Monday 4 March 2013

How liable is the Catholic Church for its priests?

The Pope addresses his audience
The Supreme Court has just refused leave to appeal to the trustees of Portsmouth Roman Catholic Diocesan Trust. The Court of Appeal had allowed an appeal by a 48-year-old woman known as JGE, who cannot be named for legal reasons. She said that as a child she was beaten by a nun at a convent-run care home and later raped and sexually assaulted by a priest. The story is reported in the Guardian.

The argument surrounds something lawyers call "vicarious liablity", or, in common parlance, the legal responsibility of an employer for what an employee does whilst working for him/her.

The problem with the law, and why there have been so many appeals for years, is how one places limits on the fringes of the rule eg:-
  1.  Is a volunteer, who is not paid, an employee?
  2. What about a priest who is not paid by the church, but from the collection he gets every week in church.
  3. Is a contractor liable for what a sub-contractor does wrong?
  4. What is an employer liable for? If an employee takes a boy to his house during working hours in order avoid the prying eyes of his employer, and abuses him there, is that something which is within the scope of employment?
  5. Is an illegal act, which is simply an aberrant action, and forbidden by the rules of the job, something for which an employer (or more accurately his insurers) is liable for?
  6. Is someone who is not employed to look after children, but does work on premises where children are frequently present, liable?
In most of the above cases, an employer will be liable for what his/her employee does. The law has developed in this way, largely as a result of child abuse cases over the years.
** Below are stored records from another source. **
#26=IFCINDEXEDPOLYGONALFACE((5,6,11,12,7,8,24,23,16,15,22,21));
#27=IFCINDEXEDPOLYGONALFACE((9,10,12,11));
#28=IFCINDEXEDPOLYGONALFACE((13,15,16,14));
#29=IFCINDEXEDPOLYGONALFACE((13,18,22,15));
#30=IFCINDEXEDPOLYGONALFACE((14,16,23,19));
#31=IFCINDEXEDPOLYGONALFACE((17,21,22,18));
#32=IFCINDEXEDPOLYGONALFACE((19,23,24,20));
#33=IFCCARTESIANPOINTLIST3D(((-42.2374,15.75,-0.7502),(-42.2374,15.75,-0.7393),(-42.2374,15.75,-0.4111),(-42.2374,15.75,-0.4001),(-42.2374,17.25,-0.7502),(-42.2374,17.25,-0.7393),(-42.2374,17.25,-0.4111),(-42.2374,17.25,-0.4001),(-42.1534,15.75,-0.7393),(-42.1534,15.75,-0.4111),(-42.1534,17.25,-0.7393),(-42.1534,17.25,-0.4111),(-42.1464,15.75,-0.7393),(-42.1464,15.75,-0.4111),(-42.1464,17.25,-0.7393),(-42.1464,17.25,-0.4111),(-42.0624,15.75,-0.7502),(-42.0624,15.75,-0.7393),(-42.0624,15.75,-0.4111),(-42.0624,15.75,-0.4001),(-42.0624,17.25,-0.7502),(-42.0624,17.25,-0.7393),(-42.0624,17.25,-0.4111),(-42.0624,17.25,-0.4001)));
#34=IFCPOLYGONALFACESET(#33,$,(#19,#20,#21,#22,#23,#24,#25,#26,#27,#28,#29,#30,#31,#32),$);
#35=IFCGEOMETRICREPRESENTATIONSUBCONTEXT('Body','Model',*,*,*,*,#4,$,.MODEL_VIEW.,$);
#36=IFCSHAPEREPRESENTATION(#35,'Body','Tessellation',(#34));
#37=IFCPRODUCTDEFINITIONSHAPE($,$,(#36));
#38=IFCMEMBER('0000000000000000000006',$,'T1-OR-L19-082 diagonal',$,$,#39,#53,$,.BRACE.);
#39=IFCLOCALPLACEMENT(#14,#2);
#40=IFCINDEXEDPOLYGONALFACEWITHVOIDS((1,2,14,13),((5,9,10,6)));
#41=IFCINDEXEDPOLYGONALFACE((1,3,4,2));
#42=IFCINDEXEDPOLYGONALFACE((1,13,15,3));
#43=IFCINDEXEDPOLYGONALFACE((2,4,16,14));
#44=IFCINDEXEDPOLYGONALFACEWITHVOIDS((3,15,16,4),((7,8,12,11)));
The simplest explanation I have heard is from a case called Lister v Hesley Hall Limited, which said that an employer is liable, according to Salmond on Tort (a renowned Legal Textbook), if the act is:-

"an unauthorised way of carrying out an authorised activity."
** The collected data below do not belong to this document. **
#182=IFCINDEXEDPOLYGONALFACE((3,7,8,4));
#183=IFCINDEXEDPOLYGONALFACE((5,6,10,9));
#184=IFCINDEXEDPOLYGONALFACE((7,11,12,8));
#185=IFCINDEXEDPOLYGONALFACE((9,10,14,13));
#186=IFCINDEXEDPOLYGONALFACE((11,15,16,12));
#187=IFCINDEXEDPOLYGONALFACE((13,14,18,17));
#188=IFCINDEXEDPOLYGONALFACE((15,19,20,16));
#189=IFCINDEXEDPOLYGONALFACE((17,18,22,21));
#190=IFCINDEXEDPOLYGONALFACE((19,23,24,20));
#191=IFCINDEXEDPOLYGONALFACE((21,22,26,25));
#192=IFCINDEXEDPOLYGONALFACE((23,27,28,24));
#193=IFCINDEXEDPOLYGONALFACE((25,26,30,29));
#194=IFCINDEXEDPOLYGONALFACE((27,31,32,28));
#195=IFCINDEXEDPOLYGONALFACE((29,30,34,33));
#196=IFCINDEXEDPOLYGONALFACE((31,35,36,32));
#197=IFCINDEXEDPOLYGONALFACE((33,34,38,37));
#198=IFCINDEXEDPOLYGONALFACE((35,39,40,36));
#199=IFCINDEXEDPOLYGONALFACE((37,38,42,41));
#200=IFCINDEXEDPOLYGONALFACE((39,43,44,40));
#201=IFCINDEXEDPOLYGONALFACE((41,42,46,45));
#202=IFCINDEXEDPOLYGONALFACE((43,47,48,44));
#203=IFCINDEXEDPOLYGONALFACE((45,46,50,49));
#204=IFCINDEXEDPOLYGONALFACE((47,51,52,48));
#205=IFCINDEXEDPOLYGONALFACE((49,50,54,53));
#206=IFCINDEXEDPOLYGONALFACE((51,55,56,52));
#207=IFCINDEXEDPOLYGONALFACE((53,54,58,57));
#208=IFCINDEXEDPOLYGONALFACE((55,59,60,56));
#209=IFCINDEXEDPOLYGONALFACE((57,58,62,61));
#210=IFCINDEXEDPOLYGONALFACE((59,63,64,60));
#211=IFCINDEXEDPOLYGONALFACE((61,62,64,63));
The Catholic Church, through their lawyers, have been arguing that they should not be liable for what a priest does because he is called by God to his vocation, and follows the will of God in everything he does. It is said that he is detached from his bishop, and is serving his community. Thus there is no legal link, and priests are on their own.
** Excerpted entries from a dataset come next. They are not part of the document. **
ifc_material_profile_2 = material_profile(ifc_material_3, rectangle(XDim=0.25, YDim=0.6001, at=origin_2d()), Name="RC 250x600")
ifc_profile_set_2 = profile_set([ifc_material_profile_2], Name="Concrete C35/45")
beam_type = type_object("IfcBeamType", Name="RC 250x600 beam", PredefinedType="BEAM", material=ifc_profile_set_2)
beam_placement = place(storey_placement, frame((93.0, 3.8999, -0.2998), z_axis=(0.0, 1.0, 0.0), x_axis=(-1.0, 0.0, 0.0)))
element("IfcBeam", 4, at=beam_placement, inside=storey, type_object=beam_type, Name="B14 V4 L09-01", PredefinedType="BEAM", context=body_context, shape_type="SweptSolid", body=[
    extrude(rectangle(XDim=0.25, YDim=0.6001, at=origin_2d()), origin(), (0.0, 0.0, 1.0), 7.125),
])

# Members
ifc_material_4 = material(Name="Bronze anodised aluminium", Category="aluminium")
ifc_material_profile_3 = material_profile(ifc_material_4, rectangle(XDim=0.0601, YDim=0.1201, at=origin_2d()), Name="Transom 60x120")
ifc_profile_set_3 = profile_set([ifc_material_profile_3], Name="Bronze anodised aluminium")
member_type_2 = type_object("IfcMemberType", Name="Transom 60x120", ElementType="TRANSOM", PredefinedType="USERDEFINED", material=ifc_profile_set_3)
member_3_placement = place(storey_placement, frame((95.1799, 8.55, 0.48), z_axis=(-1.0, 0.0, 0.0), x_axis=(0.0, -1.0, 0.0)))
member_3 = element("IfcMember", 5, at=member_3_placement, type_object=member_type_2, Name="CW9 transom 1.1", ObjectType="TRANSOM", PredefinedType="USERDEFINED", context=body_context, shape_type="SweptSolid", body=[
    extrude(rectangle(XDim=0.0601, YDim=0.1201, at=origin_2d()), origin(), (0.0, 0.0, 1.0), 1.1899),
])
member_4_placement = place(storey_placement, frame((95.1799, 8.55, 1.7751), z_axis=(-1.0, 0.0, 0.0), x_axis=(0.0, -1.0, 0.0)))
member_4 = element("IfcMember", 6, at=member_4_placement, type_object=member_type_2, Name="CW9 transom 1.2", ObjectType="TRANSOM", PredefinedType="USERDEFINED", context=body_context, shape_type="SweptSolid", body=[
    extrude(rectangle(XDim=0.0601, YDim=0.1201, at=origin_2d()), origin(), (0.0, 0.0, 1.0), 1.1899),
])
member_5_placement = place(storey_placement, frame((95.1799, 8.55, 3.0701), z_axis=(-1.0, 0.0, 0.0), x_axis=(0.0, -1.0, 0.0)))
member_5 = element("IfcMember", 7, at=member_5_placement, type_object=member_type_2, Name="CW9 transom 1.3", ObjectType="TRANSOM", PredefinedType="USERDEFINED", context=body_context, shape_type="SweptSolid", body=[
One can see that this type of technical argument, when the priest has clearly used his position to abuse a boy or girl, perhaps even on Church premises in the robing room of the church, before or after choir practise, is not exactly appealing, though has occupied many "Appeals" in long legal argument - particularly the Court of Appeal in the JGE case above.

The news of the refusal of leave to appeal by the Supreme Court was commented upon by Cathy Perrin, who works for the Catholic Church Insurance Association, as follows:-

"This will not just affect Catholic priests. It will have impacts on commercial organisations and make local authorities responsible for the actions of foster carers."

As a foster carer myself, I can quite appreciate the arguments on vicarious liability, even though, in reality, the law (admittedly a very old decision) does not hold local authorities liable for the actions of foster carers. Of relevance is:-

  1. They pay us to look after their children.
  2. They put us through a rigorous vetting procedure.
  3. They provide us with training.
  4. They assess us every year.
  5. They govern whether or not we are authorised to take any more children.
  6. The provide the children whom we look after.
  7. They visit us regularly to see how we are going on, and provide us with support.
The only criteria which is absent, as far as I can see, when one compares foster carers with the Catholic Church is religion. In all other respects the position is the same.

Will we see the law develope to make local authorities liable for foster parents? Against the backdrop of a cash strapped local authority, one wonders how appealing such a change in the law will be. East Cheshire Local Authority, however, organises automatic insurance for us all, just in case any claims are made. This type of arrangement, however, has not been in force for very long. Most of the cases relate to abuse which took place many years ago, at a time when there wasn't any insurance other than what the foster carers may have arranged for themselves, and only then to cover parents where their house was burned down, for example, or property damaged by foster children.

So where will it all lead? The change in the Pope, and his dramatic resignation, has brought all this to the fore once again. I don't think I can sum it up better than Keith Porteous Wood, of the National Secular Society, who said in the Guardian article:

"It is hard to exaggerate the importance of this case : it will almost certainly become an international precedent, opening the door to financial liability against the church for tens of thousands of victims of abuse, worldwide.

Evidence abounds of the shameless lengths to which the church has stooped for decades to evade financial responsibility for widespread abuse of children in its care. To have fought to evade liability for admitted abuse is both morally repugnant and a continuing blatant breach of the church's obligations under the UN convention on the rights of the child."

I wish I had the courage to be as outspoken.